Podrá ser que esté fallado??? El IC y no hubo errores en las conexiones, fui muy cuidadoso con eso antes de darle energía.


----------



## fdesergio (Ene 21, 2017)

Y que tal si mejor subes una foto de lo que estas haciendo?? si dices que lo has montado sube una foto del montaje, asi es mucho mejor!!


----------



## miguelus (Ene 21, 2017)

Buenos días rafaeluru.

¿Consultaste el Data Sheet?

Por lo que comentas da la impresión que las entradas ABCD las tienes a "1" lógico

Intenta seguir la Tabla de Verdad que viene en el Data Sheet.

Ten en cuenta que ese CI está siendo en utilizado en Millones de equipos y no da problemas, seguramente algo estarás haciendo mal 

Sal U2


----------



## pandacba (Ene 21, 2017)

Para que te aparezca algo en la salida pin 3 y 4 a 1 y pin 5 a 0
El pin 5 es LE (Lamp Enable)


----------



## rafaeluru (Feb 27, 2017)

Hola a todos.
Les cuento que finalmente el IC estaba defectuoso.
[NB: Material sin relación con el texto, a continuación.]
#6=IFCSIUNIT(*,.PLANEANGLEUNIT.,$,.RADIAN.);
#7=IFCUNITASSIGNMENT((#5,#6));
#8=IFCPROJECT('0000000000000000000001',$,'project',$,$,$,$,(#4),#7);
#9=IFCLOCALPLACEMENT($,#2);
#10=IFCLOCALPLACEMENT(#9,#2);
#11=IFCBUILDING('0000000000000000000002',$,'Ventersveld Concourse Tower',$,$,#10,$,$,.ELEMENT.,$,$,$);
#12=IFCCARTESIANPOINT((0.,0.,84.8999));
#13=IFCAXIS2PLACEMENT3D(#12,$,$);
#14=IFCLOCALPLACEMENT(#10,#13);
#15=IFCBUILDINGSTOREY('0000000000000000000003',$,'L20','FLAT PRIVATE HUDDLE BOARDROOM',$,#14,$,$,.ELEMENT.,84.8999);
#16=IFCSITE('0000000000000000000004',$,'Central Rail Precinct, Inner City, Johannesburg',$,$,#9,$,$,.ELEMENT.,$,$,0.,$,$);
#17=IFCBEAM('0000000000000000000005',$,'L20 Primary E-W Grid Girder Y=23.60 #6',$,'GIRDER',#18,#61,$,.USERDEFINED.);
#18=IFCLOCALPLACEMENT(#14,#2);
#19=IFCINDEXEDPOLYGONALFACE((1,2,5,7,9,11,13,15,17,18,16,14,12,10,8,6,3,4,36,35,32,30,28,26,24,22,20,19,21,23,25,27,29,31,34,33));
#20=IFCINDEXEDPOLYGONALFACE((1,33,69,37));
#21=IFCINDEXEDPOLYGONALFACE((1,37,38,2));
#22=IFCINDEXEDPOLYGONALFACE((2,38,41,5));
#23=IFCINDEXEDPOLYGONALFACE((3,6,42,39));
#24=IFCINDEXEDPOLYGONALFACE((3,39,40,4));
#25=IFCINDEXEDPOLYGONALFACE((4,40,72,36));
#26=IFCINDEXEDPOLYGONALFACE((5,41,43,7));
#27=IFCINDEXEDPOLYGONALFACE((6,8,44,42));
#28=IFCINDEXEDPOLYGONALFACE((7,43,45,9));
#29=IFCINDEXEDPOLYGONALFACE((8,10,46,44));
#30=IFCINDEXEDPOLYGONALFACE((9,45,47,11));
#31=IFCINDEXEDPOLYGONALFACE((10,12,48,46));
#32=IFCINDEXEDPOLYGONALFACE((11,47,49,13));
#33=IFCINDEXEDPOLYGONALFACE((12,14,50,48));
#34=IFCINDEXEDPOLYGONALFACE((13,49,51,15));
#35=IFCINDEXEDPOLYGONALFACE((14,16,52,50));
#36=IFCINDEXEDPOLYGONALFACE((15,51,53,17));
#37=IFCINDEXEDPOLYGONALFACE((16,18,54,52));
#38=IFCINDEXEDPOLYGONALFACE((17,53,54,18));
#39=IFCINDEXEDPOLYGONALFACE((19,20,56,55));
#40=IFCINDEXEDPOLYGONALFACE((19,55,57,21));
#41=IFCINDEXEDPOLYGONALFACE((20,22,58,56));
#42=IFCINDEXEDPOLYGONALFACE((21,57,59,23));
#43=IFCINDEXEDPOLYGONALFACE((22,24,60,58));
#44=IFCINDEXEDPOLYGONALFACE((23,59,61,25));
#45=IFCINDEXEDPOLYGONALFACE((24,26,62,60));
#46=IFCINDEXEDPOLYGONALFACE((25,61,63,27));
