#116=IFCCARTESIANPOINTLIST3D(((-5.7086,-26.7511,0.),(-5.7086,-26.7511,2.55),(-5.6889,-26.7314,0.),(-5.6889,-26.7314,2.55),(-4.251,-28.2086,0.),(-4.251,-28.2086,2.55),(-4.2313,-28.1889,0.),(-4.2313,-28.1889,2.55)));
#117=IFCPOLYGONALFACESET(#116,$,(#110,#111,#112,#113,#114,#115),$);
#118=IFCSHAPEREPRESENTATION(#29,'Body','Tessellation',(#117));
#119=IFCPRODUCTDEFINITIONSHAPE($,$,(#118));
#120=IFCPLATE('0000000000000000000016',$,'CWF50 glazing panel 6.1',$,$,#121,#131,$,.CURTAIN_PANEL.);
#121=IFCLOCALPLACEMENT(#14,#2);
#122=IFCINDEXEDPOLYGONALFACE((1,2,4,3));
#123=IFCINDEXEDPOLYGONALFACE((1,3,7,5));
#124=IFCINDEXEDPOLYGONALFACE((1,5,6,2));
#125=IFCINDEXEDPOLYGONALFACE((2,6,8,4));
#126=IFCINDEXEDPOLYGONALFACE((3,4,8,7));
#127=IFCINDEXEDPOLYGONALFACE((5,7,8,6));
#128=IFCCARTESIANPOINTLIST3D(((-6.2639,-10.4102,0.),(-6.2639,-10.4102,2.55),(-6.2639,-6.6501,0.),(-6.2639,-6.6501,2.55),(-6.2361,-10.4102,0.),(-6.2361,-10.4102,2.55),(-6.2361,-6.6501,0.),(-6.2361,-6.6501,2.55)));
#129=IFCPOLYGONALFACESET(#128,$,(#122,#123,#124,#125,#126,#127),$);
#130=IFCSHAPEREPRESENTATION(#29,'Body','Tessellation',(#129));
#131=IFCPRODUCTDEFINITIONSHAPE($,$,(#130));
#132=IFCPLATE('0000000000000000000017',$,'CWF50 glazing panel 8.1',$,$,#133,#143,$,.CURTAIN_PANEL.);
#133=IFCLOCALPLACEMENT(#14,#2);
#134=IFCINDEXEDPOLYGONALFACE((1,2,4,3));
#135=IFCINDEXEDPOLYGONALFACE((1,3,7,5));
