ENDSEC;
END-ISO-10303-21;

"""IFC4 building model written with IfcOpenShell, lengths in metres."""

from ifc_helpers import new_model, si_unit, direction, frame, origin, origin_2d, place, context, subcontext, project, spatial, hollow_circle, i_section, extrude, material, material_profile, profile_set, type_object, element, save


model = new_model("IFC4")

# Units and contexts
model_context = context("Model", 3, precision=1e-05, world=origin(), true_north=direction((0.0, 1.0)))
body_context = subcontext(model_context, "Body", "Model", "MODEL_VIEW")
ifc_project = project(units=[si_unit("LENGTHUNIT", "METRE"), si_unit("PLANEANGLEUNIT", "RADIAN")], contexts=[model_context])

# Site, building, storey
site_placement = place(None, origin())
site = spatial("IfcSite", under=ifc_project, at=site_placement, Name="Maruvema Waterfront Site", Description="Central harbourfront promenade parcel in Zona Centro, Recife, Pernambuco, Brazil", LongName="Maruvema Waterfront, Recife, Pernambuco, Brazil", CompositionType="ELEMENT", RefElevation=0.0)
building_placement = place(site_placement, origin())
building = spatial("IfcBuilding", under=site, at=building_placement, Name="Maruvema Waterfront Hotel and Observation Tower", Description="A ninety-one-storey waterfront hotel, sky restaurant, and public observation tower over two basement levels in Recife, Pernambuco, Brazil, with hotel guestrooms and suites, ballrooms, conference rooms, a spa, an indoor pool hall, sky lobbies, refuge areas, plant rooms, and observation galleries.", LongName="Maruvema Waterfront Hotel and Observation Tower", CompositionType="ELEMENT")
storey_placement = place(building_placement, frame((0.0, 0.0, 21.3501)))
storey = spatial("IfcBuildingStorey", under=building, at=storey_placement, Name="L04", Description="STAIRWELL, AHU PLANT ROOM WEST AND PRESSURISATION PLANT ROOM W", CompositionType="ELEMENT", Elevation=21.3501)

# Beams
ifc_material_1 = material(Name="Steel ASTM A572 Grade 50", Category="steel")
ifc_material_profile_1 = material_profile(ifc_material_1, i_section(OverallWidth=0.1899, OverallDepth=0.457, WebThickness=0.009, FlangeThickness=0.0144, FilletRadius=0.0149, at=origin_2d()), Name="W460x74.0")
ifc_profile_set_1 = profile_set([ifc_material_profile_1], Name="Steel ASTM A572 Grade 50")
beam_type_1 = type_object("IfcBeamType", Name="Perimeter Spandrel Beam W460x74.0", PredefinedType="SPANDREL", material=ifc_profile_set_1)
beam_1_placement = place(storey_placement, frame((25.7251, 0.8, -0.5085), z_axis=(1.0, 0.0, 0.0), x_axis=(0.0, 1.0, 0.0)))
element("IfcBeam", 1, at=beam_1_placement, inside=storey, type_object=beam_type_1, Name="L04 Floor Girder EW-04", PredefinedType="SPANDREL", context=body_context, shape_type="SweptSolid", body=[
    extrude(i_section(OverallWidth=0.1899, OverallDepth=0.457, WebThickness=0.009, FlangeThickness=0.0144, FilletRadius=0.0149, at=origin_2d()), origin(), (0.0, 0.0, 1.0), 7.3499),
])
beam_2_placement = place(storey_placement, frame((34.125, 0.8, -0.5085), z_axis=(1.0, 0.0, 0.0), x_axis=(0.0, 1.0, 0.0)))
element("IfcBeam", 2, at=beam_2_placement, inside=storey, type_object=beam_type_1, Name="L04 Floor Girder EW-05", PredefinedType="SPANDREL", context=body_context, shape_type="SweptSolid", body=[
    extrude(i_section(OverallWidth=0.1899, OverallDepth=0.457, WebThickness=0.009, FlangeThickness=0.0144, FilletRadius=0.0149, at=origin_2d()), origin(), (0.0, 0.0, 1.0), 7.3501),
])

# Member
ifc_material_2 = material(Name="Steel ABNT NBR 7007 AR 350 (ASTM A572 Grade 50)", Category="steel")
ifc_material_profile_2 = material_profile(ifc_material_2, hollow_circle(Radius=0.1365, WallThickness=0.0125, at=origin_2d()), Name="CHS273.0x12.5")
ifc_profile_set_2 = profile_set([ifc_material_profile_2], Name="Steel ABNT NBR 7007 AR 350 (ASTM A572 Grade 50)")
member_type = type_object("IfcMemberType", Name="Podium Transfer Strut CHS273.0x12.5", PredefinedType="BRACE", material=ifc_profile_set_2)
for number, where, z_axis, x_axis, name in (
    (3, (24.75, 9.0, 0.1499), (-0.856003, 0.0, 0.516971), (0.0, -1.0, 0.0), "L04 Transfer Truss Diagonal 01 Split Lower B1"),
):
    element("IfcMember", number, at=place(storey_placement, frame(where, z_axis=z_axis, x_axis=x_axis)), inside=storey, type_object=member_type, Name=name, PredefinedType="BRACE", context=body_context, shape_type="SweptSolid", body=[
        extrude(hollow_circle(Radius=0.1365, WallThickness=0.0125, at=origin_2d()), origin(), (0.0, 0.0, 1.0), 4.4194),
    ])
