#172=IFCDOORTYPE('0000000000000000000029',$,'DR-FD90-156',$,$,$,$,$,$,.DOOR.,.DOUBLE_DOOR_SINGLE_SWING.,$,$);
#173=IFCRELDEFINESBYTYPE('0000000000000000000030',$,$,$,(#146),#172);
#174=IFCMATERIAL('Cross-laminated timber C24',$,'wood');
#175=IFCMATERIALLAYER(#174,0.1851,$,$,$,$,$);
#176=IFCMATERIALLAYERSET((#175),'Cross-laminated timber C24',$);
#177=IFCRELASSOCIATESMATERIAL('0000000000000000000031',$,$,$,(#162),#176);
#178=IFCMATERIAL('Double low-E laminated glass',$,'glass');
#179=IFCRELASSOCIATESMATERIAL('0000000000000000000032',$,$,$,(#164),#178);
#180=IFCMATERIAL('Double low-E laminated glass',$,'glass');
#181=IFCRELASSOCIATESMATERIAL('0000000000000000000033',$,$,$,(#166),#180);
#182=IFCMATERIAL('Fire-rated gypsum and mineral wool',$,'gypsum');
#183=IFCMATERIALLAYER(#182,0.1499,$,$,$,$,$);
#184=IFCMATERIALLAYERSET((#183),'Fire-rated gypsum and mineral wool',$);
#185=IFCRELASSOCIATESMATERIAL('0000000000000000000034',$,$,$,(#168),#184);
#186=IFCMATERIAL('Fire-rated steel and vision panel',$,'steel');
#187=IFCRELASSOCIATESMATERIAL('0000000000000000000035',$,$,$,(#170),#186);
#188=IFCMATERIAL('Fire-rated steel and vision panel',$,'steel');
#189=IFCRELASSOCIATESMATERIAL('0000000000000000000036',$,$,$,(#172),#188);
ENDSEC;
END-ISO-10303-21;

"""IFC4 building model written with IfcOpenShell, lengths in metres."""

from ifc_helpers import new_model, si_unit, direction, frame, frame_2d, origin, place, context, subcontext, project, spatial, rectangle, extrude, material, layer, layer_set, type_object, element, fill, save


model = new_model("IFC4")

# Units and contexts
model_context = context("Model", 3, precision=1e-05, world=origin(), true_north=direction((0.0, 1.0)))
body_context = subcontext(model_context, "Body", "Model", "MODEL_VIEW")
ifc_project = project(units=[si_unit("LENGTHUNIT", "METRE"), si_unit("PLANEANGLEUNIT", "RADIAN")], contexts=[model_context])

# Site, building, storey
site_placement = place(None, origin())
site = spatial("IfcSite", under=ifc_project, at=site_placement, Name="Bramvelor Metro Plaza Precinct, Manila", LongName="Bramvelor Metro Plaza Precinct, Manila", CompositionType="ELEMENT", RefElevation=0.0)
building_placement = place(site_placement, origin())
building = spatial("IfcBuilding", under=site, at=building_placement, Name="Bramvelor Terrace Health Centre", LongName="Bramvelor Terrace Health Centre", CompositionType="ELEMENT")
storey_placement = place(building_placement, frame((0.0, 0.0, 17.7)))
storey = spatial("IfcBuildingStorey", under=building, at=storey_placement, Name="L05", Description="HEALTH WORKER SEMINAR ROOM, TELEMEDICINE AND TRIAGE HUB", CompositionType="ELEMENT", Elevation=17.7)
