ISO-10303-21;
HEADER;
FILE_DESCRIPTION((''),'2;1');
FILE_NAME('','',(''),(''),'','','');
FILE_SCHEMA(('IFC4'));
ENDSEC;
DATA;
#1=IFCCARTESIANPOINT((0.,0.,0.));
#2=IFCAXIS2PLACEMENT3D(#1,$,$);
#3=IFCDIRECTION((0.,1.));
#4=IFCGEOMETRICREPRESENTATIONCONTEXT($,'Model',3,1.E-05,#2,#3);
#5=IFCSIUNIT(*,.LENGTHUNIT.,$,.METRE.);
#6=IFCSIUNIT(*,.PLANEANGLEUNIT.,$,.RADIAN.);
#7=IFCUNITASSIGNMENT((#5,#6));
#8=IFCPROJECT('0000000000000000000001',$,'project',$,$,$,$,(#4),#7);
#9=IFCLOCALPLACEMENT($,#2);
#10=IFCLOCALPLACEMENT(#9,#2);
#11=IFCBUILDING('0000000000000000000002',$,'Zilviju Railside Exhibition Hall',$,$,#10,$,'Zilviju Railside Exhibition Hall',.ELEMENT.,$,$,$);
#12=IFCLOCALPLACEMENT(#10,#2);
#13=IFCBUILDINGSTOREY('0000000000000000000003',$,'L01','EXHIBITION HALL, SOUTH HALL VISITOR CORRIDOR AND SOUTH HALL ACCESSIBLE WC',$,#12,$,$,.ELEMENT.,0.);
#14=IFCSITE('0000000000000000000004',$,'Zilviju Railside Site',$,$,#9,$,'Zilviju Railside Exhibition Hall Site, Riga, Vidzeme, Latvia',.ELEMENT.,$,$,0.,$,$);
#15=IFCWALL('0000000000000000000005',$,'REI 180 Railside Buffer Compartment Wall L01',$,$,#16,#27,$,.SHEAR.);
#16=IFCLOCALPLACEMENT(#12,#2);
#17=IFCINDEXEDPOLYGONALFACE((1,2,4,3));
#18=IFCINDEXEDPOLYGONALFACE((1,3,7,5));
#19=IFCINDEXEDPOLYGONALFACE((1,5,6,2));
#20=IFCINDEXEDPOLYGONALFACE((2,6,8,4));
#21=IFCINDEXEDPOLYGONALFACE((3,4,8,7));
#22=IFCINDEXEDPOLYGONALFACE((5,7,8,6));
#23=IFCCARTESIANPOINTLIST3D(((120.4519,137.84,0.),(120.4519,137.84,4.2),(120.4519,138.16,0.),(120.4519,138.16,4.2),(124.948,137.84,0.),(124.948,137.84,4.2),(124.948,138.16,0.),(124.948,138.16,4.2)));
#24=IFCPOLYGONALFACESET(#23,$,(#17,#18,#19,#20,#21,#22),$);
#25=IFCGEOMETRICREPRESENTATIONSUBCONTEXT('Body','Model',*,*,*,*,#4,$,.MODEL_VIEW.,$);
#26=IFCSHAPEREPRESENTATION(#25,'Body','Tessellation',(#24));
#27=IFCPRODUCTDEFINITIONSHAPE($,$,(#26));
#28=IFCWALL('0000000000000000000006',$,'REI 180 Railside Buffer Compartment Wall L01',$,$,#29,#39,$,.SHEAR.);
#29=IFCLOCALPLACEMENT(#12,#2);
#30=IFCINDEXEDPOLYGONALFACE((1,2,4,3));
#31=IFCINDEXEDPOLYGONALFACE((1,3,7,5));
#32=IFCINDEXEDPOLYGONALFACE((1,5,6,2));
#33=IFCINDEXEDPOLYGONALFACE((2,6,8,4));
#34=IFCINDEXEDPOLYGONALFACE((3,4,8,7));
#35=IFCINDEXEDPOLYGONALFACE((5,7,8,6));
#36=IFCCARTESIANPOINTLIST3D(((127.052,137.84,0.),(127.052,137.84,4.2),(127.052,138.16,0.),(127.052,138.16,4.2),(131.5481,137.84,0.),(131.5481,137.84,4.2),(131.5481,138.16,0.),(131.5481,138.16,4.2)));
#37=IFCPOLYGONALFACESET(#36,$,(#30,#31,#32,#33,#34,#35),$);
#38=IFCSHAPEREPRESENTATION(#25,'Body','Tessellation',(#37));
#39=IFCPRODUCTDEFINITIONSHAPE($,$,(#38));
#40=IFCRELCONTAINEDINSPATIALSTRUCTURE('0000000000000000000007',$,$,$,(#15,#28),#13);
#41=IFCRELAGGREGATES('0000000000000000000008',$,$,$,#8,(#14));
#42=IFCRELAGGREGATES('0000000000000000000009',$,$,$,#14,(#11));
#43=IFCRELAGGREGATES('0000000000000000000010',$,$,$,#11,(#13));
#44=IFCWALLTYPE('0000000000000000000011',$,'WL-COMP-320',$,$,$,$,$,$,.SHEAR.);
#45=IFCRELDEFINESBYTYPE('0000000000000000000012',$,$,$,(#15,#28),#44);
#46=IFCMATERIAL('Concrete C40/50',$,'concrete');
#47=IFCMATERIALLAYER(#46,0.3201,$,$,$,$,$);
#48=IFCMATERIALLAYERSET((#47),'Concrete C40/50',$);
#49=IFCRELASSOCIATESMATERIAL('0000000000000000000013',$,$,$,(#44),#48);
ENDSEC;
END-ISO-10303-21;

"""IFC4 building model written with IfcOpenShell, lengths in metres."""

from ifc_helpers import new_model, si_unit, direction, frame, frame_2d, origin, place, context, subcontext, project, spatial, rectangle, extrude, material, layer, layer_set, type_object, element, save


model = new_model("IFC4")

# Units and contexts
model_context = context("Model", 3, precision=1e-05, world=origin(), true_north=direction((0.0, 1.0)))
body_context = subcontext(model_context, "Body", "Model", "MODEL_VIEW")
ifc_project = project(units=[si_unit("LENGTHUNIT", "METRE"), si_unit("PLANEANGLEUNIT", "RADIAN")], contexts=[model_context])

# Site, building, storey
site_placement = place(None, origin())
site = spatial("IfcSite", under=ifc_project, at=site_placement, Name="Zilviju Railside Site", LongName="Zilviju Railside Exhibition Hall Site, Riga, Vidzeme, Latvia", CompositionType="ELEMENT", RefElevation=0.0)
building_placement = place(site_placement, origin())
building = spatial("IfcBuilding", under=site, at=building_placement, Name="Zilviju Railside Exhibition Hall", LongName="Zilviju Railside Exhibition Hall", CompositionType="ELEMENT")
storey_placement = place(building_placement, origin())
storey = spatial("IfcBuildingStorey", under=building, at=storey_placement, Name="L01", Description="EXHIBITION HALL, SOUTH HALL VISITOR CORRIDOR AND SOUTH HALL ACCESSIBLE WC", CompositionType="ELEMENT", Elevation=0.0)

# Shared definitions
ifc_material_1 = material(Name="Concrete C40/50", Category="concrete")

# Walls
ifc_layer = layer(ifc_material_1, 0.3201)
ifc_layer_set = layer_set([ifc_layer], Name="Concrete C40/50")
wall_type = type_object("IfcWallType", Name="WL-COMP-320", PredefinedType="SHEAR", material=ifc_layer_set)
for number, where, z_axis, x_axis, name in (
    (1, (120.4519, 138.0, 0.0), (0.0, 0.0, 1.0), (1.0, 0.0, 0.0), "REI 180 Railside Buffer Compartment Wall L01"),
    (2, (127.052, 138.0, 0.0), (0.0, 0.0, 1.0), (1.0, 0.0, 0.0), "REI 180 Railside Buffer Compartment Wall L01"),
):
    element("IfcWall", number, at=place(storey_placement, frame(where, z_axis=z_axis, x_axis=x_axis)), inside=storey, type_object=wall_type, Name=name, PredefinedType="SHEAR", context=body_context, shape_type="SweptSolid", body=[
        extrude(rectangle(XDim=4.4961, YDim=0.3201, at=frame_2d((2.248, 0.0))), origin(), (0.0, 0.0, 1.0), 4.2),
    ])

save(model, "model.ifc")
La conexiones eran las correctas, compré otro IC y funcionó excelente. Lamentablemente el vendedor no me devolvió el dinero ya que no garantizan los componentes electrónicos, además que pusieron en duda si lo había conectado bien, cosa que SI hice, porque sin hacer absolutamente ningún cambio en el crcuito, sólo cambiando el IC, el display comenzó a funcionar correctamente. Cosas que pasan.

Gracias a todos por su ayuda.


----------